鸠山美志站在石台另一侧。煤油灯在他脚边的地面上放着,火光与石室穹顶渗出的暗青色冷光在石台表面交汇成一层温润的旧色。他手里拿着那本翻到中间页的笔记本,笔尖停在纸面上方,像是刚刚结束一轮记录。他听见齐铁嘴穿过裂缝的声响时抬头看了一眼,目光在齐铁嘴脸上停了几息,又低头在笔记本上添了一行字,合上本子放进了口袋,动作不紧不慢,像是做完了所有该做的事之后,正在安静地等待后续的结果。
张启山从齐铁嘴身后走出了裂缝。他站在齐铁嘴旁边,煤油灯举高了一些,光照着鸠山美志和石台上躺着的小九。他看见了那条固定小九手腕的皮带,看见了蔓延到她锁骨处的银光,看见了石台表面正在循环流动的银色网纹。他没有拔枪,也没有出声,只是站在那里,像一扇被打开之后就不会被关上的旧门,把身后的裂缝和来路都稳在了他的控制范围之内。
吴老狗没有走进裂缝。他停在裂缝外侧,三寸钉在他脚边蹲着,他能从裂缝的窄缝看见里面的情况。三寸钉把下巴搁在裂缝边缘的石面上,耳朵朝内扣着,尾巴贴着地面,安静地看着石室内部的景象,发出极低的、压抑的呜声,像在辨认和记忆某样正在发生的东西。
"银光已经覆盖了她身体的四分之一,"鸠山美志开口了。他的声音在空旷的石室里传出去很远,被穹顶和四壁缓慢地吸收着,像石头本身在消化他说出的每一个字,"超过了窄娘娘任何一次激活的极限覆盖范围。窄娘娘在银光到达锁骨位置之后会开始不可逆的形态退化。她目前没有出现任何退化的迹象——银光还在继续延伸,速度没有减慢,甚至比之前更快了。窄娘娘在银光覆盖到锁骨之后,需要大约三天时间才会出现形态上的可见改变。她目前的银光正在向胸腔方向推进,速度大约是窄娘娘峰值期的三倍。"
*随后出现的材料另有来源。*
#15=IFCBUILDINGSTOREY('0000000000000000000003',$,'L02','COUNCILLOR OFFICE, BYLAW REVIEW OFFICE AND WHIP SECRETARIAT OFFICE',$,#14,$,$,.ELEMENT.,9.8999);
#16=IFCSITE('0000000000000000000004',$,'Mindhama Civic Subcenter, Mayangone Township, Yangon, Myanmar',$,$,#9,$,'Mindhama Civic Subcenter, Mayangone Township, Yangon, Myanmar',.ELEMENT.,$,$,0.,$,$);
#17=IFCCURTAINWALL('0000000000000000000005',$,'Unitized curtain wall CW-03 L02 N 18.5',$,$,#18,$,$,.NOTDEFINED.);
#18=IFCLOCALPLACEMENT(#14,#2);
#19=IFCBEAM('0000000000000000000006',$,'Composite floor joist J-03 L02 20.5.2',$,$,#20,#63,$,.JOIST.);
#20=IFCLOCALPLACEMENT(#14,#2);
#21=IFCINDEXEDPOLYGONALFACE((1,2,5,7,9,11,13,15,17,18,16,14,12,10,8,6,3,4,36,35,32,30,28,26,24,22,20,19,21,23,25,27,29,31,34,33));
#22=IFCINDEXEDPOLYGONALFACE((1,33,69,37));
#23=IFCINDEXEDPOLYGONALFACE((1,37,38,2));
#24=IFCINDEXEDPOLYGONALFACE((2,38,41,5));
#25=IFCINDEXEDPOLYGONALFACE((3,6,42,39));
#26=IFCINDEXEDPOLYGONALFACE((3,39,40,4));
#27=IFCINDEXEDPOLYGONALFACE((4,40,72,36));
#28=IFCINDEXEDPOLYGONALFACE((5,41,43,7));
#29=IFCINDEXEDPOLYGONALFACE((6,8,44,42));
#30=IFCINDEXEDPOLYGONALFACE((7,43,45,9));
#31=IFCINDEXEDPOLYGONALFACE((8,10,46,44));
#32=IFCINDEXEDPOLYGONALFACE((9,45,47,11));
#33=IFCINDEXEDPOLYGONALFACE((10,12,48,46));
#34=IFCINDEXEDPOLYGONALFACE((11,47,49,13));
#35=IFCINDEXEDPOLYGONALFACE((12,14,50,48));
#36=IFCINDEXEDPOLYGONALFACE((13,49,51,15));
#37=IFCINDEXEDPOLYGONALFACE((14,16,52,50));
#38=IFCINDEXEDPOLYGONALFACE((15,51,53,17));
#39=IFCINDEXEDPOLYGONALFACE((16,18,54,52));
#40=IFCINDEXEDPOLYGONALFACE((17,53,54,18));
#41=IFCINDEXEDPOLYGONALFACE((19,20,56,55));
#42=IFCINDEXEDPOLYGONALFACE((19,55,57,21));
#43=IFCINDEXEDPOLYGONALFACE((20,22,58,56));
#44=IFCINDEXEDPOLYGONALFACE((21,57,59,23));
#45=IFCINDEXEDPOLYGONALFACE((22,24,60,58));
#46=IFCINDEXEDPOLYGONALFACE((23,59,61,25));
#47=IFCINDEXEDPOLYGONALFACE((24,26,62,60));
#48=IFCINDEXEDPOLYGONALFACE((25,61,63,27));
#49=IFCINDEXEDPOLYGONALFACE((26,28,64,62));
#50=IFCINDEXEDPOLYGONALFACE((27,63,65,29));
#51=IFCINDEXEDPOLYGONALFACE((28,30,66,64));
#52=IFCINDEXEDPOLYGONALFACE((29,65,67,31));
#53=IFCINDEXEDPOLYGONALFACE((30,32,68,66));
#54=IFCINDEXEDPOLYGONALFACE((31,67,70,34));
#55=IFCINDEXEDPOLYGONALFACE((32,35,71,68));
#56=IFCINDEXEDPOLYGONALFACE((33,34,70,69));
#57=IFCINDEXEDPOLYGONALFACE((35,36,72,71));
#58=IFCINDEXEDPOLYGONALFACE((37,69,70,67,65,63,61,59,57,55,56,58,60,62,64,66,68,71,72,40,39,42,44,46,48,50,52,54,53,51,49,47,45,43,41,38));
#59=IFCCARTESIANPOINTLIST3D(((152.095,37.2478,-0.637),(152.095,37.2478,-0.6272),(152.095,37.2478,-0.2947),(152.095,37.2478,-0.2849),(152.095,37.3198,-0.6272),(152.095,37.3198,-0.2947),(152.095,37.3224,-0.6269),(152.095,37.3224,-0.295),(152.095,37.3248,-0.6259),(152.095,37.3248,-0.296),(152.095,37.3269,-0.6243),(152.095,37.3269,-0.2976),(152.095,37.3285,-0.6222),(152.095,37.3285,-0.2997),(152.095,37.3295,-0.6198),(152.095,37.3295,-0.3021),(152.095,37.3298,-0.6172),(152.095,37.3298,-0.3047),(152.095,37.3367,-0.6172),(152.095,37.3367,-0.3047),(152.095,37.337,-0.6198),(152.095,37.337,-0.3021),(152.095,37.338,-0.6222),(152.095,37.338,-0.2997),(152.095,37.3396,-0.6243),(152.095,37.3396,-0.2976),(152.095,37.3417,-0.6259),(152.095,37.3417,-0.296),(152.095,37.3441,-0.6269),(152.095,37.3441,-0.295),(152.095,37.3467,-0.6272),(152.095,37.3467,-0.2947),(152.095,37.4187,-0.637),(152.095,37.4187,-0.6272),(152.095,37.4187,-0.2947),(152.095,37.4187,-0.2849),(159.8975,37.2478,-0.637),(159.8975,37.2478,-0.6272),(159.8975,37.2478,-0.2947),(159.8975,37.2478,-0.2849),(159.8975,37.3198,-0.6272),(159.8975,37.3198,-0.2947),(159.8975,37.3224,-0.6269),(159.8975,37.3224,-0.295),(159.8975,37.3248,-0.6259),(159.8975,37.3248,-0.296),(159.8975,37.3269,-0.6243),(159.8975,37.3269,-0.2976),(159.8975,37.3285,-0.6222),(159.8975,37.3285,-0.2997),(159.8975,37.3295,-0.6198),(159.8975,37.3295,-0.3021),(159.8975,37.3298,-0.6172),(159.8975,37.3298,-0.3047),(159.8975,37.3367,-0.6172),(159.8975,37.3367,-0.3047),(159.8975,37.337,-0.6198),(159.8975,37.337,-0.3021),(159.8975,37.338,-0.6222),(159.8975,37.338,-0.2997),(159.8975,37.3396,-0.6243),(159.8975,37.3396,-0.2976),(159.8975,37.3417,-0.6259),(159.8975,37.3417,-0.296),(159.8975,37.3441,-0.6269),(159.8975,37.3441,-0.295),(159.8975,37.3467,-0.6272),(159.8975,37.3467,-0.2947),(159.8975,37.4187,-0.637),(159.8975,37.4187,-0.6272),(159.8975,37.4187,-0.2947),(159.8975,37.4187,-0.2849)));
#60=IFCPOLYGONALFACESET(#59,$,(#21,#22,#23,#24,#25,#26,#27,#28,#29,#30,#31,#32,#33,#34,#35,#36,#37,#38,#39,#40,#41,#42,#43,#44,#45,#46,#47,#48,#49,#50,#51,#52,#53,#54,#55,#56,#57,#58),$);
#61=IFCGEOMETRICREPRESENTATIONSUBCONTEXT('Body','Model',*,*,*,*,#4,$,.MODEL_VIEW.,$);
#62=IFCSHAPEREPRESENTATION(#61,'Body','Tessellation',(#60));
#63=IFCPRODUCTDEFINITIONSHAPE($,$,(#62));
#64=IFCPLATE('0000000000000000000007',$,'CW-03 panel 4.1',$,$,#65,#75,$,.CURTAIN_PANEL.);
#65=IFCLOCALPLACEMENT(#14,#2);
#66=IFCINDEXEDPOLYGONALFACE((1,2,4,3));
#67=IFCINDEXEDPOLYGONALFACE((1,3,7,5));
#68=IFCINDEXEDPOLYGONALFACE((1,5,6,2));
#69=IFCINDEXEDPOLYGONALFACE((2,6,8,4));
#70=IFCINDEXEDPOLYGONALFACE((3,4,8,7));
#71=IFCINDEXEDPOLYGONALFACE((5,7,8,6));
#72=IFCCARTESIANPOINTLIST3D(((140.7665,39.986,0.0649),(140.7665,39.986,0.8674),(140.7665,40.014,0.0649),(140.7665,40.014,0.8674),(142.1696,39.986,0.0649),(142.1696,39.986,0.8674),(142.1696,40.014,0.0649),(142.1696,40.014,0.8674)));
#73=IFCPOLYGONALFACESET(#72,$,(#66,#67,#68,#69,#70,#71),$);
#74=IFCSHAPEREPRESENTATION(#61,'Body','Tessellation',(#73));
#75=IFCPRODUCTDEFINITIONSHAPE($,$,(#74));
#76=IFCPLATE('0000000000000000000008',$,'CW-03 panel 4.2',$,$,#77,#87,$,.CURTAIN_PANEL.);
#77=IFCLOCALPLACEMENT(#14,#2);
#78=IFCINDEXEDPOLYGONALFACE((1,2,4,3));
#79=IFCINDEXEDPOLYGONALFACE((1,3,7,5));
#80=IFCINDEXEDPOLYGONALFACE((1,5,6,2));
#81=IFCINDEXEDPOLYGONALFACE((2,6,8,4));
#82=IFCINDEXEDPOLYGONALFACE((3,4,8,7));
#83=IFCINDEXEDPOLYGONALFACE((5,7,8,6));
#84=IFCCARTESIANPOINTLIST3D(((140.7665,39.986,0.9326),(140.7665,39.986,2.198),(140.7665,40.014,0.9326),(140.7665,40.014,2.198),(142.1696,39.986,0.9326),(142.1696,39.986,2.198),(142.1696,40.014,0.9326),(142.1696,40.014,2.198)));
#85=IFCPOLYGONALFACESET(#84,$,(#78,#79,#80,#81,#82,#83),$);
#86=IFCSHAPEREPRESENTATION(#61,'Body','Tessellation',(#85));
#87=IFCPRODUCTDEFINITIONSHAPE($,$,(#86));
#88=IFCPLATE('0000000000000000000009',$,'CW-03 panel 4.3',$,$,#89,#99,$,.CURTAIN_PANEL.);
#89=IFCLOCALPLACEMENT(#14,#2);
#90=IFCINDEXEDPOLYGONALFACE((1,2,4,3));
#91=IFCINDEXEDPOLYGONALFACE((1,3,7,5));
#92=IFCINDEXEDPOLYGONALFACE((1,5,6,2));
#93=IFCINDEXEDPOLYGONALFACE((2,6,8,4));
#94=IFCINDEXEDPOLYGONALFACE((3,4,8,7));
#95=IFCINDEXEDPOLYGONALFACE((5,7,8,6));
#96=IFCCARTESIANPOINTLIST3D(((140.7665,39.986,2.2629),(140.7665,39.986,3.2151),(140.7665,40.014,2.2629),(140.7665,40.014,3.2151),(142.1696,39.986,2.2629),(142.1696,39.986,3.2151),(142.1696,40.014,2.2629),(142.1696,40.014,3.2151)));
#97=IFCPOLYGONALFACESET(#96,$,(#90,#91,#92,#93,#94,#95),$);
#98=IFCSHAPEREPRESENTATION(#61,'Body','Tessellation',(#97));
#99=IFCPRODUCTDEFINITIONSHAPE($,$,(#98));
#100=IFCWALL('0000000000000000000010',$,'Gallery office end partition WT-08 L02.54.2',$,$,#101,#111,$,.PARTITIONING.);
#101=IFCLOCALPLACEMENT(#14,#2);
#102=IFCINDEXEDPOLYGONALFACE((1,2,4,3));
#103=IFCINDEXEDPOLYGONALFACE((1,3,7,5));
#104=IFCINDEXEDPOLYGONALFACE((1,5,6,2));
齐铁嘴没有接话。他的目光从鸠山美志脸上移开,落在石台边缘那条系着小九手腕的皮带上。皮带扣的位置在靠近石台底座的地方,那是一个搭扣式锁扣,只要从侧面按住搭扣就能松开。他又顺着皮带向上看了一眼,小九的手指平放在石台上,指节微微蜷着,没有握紧也没有完全放松。她的左手没有被固定,自然地搭在石台的边缘,五指微张着。她的呼吸节奏平稳,像是正在深度睡眠中,胸口的每一次起伏都带着一种舒缓的规律。
他往前走了一步,站在石台边缘。石台表面的银色网纹在他靠近的时候微微亮了一度,像是感知到了新的热源正在靠近。齐铁嘴低头看着小九的脸——她闭着眼睛,睫毛在暗青色的冷光里投下浅浅的阴影。她的嘴唇微微抿着,呼吸时鼻翼轻轻动着。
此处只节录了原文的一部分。